Mümin, Allah yolunda sevdiği şeylerden infak ettiğinde gerçek anlamda iyiliğe ulaşacağının bilincindedir. O, iyiliğe davet ederek ve iyilikleri çoğaltarak kötülükle mücadele eder. Cenâb-ı Hakkın şu emrini hayat düsturu olarak okur: “İyilikle kötülük bir olmaz. Sen kötülüğü iyilikle önle. O zaman göreceksin ki seninle arasında düşmanlık bulunan kimse sımsıcak bir dost oluvermiş!”(3)
AZİZ MÜMİNLER!
Ne hazindir ki bugün kötülük kıtalar dolaşmakta, kötülüğe yatırım yapanlar insanlığa büyük acılar yaşatmaktadır. İslam coğrafyasının mazlum köşelerinde Müslümanlar baskı, şiddet ve zulme maruz kalmaktadır. Bilhassa çaresizlik içinde kıvranan, hapsedilen, göçe zorlanan kadınların ve çocukların hali yüreklerimizi parçalamaktadır. Oysaki kadınlar, şefkat kanatlarını üzerimize gererek bizlere karşılıksız iyiliği öğreten annelerimizdir. Yuvamızda iyiliğin çoğalması, mutluluğun ve huzurun kök salması için emek veren eşlerimizdir. İki cihanda iyilik duamız olan gözümüzün nuru kız evlatlarımızdır.

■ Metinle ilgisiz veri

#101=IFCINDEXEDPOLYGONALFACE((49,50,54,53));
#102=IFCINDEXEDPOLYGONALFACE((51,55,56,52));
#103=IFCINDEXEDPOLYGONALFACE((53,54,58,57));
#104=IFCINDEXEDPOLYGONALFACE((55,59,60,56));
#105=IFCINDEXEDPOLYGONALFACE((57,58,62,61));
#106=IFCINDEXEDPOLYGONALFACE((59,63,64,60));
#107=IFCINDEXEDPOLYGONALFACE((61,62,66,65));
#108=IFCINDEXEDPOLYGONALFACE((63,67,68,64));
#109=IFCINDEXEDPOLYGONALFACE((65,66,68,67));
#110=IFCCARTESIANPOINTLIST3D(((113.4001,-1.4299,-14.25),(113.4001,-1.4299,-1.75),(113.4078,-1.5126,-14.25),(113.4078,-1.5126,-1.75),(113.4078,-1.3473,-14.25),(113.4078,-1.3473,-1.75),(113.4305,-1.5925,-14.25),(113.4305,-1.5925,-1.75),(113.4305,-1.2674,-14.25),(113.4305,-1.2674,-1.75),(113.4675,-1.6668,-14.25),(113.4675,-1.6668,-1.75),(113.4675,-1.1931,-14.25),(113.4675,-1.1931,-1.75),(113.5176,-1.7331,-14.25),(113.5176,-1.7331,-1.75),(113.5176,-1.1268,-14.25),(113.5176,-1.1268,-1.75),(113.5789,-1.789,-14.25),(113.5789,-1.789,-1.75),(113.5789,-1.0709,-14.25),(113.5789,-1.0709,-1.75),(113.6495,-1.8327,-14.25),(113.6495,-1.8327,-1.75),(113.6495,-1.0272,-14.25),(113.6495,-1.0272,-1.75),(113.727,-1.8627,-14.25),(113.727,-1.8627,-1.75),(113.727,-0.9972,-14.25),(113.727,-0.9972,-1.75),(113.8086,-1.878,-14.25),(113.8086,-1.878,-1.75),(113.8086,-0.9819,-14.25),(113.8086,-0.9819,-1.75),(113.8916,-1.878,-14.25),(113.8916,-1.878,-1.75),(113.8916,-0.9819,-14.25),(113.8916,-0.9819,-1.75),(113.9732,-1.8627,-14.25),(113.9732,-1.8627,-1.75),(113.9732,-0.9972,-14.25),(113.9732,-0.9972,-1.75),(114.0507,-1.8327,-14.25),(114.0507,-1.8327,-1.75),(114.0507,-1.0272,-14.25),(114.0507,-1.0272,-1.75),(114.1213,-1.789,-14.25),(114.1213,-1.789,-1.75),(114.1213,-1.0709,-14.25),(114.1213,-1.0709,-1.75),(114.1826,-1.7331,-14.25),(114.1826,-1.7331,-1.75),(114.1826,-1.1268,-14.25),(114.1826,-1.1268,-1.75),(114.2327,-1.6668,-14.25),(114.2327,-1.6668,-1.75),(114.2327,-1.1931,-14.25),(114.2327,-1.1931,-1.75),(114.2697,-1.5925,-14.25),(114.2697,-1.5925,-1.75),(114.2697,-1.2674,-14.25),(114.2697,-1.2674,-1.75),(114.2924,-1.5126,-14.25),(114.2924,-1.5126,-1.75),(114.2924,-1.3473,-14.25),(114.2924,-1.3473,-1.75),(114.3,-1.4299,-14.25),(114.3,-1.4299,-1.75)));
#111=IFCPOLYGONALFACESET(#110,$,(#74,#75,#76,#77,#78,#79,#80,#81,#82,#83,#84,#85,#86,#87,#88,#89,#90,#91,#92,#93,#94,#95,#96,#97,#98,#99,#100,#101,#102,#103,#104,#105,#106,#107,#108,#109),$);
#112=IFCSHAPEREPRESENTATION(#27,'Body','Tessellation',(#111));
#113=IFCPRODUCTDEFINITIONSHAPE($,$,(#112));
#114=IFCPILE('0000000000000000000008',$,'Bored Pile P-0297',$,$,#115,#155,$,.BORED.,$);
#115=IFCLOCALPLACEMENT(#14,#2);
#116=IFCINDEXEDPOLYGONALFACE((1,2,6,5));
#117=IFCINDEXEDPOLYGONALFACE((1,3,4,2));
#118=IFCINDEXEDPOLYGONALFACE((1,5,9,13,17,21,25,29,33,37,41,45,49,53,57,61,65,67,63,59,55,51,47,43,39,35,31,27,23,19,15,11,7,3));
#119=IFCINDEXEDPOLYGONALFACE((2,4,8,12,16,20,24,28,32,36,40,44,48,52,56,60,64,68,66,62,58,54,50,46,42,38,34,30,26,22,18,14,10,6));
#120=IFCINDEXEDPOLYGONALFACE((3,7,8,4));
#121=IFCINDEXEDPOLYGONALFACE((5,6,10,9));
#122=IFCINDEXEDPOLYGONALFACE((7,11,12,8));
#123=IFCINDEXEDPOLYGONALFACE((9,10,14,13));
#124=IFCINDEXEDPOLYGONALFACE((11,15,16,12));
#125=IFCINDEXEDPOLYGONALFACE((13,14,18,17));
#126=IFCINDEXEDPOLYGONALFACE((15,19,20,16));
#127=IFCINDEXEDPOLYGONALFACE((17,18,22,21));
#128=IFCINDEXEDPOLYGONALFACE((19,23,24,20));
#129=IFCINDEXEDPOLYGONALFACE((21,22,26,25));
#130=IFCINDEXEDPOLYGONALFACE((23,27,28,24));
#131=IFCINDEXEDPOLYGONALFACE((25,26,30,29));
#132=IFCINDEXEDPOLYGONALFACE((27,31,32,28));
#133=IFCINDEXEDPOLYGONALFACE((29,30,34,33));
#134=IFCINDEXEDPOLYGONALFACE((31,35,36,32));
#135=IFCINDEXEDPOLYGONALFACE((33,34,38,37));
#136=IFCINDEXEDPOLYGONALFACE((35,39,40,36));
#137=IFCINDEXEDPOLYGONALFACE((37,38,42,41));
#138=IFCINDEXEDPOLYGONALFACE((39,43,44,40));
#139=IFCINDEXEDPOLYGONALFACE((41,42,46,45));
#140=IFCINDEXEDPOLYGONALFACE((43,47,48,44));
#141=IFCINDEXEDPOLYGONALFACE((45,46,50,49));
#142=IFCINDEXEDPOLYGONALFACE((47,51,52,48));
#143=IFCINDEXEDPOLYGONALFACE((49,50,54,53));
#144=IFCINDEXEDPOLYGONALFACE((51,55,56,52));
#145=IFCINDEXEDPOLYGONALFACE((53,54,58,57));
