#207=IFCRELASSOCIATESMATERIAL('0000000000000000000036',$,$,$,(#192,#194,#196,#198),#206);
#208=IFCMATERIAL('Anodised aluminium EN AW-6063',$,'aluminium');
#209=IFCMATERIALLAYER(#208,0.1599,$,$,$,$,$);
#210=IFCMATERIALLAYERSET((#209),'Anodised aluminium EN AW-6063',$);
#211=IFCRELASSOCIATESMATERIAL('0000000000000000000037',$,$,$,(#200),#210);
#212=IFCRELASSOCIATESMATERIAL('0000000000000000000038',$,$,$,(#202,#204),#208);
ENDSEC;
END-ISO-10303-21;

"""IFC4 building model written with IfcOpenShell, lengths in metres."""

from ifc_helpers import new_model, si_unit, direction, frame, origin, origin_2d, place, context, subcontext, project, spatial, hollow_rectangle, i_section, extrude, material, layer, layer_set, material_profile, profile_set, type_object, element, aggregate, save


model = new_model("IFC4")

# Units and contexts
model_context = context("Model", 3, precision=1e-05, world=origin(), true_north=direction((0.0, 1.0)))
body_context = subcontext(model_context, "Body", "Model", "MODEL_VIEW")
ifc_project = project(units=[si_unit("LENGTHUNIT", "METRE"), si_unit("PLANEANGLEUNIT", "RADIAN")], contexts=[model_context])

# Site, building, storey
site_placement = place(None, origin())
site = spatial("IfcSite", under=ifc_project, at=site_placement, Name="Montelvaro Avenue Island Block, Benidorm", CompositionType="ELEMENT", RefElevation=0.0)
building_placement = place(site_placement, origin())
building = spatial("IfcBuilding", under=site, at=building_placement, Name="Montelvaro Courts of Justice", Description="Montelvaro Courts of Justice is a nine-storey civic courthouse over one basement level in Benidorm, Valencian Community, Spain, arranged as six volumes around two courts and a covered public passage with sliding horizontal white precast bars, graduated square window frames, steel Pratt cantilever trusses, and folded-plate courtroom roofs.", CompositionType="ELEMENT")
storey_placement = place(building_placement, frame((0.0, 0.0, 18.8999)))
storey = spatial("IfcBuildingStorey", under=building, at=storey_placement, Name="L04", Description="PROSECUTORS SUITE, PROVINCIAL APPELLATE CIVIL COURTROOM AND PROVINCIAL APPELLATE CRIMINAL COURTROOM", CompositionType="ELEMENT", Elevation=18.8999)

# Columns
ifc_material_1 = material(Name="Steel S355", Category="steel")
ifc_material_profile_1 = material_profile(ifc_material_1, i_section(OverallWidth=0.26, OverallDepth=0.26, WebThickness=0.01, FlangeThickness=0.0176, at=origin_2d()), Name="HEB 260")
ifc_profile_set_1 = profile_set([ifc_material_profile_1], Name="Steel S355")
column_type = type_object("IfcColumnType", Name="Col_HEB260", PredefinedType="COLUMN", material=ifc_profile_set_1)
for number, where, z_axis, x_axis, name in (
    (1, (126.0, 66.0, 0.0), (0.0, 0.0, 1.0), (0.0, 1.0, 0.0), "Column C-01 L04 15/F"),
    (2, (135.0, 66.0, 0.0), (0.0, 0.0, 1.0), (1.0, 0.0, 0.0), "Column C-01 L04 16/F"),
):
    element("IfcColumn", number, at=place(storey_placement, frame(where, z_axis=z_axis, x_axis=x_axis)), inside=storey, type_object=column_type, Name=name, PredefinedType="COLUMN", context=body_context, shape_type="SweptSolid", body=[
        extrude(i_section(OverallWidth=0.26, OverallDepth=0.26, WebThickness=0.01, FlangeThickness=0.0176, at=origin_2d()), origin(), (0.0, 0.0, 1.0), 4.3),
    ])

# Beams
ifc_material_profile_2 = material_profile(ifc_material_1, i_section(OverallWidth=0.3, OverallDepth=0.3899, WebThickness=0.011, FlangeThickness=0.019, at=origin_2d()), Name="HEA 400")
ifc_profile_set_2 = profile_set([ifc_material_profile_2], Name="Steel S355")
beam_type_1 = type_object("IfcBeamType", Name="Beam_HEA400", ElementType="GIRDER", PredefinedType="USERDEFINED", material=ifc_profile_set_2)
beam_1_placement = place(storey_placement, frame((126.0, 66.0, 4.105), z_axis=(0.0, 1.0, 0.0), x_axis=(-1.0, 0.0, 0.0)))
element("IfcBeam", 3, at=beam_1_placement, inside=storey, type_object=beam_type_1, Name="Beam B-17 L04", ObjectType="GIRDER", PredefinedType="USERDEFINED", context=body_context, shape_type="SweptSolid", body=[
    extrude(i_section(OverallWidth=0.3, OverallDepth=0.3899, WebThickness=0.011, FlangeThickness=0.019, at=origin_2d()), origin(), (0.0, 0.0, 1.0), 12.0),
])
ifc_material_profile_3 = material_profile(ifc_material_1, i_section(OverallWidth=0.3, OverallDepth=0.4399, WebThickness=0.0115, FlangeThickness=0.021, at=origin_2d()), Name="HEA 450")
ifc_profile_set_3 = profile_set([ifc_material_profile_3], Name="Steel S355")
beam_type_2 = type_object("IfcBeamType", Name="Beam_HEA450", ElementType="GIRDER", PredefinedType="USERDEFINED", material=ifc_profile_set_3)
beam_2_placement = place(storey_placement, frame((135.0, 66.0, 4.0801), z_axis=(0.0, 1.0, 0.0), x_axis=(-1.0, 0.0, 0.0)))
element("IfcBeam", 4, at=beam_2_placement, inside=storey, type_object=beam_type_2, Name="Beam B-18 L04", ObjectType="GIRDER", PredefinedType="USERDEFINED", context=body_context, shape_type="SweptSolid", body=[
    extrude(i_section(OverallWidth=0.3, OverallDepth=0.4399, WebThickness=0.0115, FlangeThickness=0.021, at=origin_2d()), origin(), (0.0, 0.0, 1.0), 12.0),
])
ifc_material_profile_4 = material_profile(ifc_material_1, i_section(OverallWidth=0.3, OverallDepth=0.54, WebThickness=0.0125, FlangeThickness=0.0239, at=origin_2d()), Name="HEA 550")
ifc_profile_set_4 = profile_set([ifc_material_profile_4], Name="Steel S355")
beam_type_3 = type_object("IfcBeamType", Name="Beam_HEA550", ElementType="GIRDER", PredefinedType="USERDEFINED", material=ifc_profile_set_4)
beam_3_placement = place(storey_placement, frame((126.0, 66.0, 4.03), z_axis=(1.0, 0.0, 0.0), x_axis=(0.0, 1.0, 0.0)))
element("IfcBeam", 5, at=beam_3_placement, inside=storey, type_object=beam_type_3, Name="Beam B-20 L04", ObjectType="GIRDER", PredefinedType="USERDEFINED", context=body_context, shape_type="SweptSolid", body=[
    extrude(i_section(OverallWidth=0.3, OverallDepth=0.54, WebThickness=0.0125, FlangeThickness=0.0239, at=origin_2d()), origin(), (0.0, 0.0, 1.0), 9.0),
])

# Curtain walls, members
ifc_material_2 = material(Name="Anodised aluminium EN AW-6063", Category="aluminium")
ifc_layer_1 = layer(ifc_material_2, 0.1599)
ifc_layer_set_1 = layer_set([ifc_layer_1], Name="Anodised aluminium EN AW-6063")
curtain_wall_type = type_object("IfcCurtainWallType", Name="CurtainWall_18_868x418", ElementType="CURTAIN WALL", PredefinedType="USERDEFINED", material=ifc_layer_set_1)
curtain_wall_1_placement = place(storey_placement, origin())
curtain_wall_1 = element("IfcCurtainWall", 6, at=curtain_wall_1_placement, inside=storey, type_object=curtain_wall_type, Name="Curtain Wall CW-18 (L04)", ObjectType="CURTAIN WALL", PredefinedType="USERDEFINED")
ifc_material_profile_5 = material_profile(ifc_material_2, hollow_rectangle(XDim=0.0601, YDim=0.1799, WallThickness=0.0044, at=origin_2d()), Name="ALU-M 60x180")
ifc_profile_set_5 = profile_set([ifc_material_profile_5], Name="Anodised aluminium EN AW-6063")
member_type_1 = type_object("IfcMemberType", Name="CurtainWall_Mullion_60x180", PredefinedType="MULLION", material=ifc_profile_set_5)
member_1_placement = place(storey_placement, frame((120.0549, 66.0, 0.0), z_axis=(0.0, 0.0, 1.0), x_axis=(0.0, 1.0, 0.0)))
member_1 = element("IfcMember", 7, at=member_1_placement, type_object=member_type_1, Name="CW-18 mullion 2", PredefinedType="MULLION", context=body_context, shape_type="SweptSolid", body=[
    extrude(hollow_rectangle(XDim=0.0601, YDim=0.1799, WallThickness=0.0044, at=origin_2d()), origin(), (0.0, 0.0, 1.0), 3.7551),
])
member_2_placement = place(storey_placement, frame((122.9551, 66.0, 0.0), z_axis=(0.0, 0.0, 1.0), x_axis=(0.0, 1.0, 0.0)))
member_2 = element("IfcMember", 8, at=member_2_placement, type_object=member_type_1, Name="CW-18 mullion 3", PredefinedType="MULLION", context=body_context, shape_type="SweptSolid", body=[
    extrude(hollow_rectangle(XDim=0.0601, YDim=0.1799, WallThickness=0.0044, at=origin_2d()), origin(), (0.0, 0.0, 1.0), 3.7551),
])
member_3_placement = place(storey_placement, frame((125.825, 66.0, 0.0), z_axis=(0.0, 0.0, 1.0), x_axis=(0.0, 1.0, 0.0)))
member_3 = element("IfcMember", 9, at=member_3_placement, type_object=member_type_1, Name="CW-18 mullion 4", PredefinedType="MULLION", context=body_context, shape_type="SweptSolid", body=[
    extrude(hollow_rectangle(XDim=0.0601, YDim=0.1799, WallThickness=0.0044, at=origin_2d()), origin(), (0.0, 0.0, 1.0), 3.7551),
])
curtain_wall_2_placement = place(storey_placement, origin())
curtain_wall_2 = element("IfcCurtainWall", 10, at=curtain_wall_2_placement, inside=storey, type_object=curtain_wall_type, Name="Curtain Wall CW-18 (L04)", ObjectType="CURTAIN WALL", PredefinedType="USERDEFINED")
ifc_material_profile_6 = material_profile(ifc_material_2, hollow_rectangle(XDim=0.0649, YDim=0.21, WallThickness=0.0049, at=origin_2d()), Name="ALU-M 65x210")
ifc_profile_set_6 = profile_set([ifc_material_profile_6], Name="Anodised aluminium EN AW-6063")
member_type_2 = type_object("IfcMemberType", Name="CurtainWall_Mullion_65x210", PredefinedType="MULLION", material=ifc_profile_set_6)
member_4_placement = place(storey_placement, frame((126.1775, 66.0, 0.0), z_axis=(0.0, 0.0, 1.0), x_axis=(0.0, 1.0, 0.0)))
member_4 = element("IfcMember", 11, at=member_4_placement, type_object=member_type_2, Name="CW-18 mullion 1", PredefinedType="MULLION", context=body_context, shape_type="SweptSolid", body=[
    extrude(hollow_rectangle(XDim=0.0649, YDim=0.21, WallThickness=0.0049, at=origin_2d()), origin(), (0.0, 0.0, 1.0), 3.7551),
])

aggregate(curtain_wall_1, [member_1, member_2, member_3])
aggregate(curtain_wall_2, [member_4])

Onları incitmek, merhametten ve adaletten mahrum bir dünyaya mahkum etmek, mağdur ve mazlum durumuna düşürmek hem dinî hem de insanî bir vebaldir.
MUHTEREM MÜMİNLER!
Küçük de olsa, her iyilik değerlidir. İnsanın eliyle, diliyle, malıyla, ilmiyle, tecrübesiyle yapabileceği nice iyilik vardır ki, bir hurma kadar bile olsa Allah Teâlâ onu Uhud Dağı kadar büyütüp bereketlendirir. Yeter ki insan iyiliğe gönül versin ve iyilikten yana olsun! Kötülüklerin, savaşların, yoksulluğun, şiddetin karşısında durarak, iyiliği yeryüzüne hâkim kılmak için çabalasın. Bu çabayı Allah Resûlü (s.a.s), bir hadislerinde şöyle anlatmaktadır: “İçinizden biri bir kötülük görürse onu eliyle düzeltsin. Buna gücü yetmiyorsa diliyle düzeltsin. Buna da gücü yetmiyorsa kalbiyle buğzetsin. Bu ise imanın asgarî gereğidir.”(4)
KIYMETLİ MÜSLÜMANLAR!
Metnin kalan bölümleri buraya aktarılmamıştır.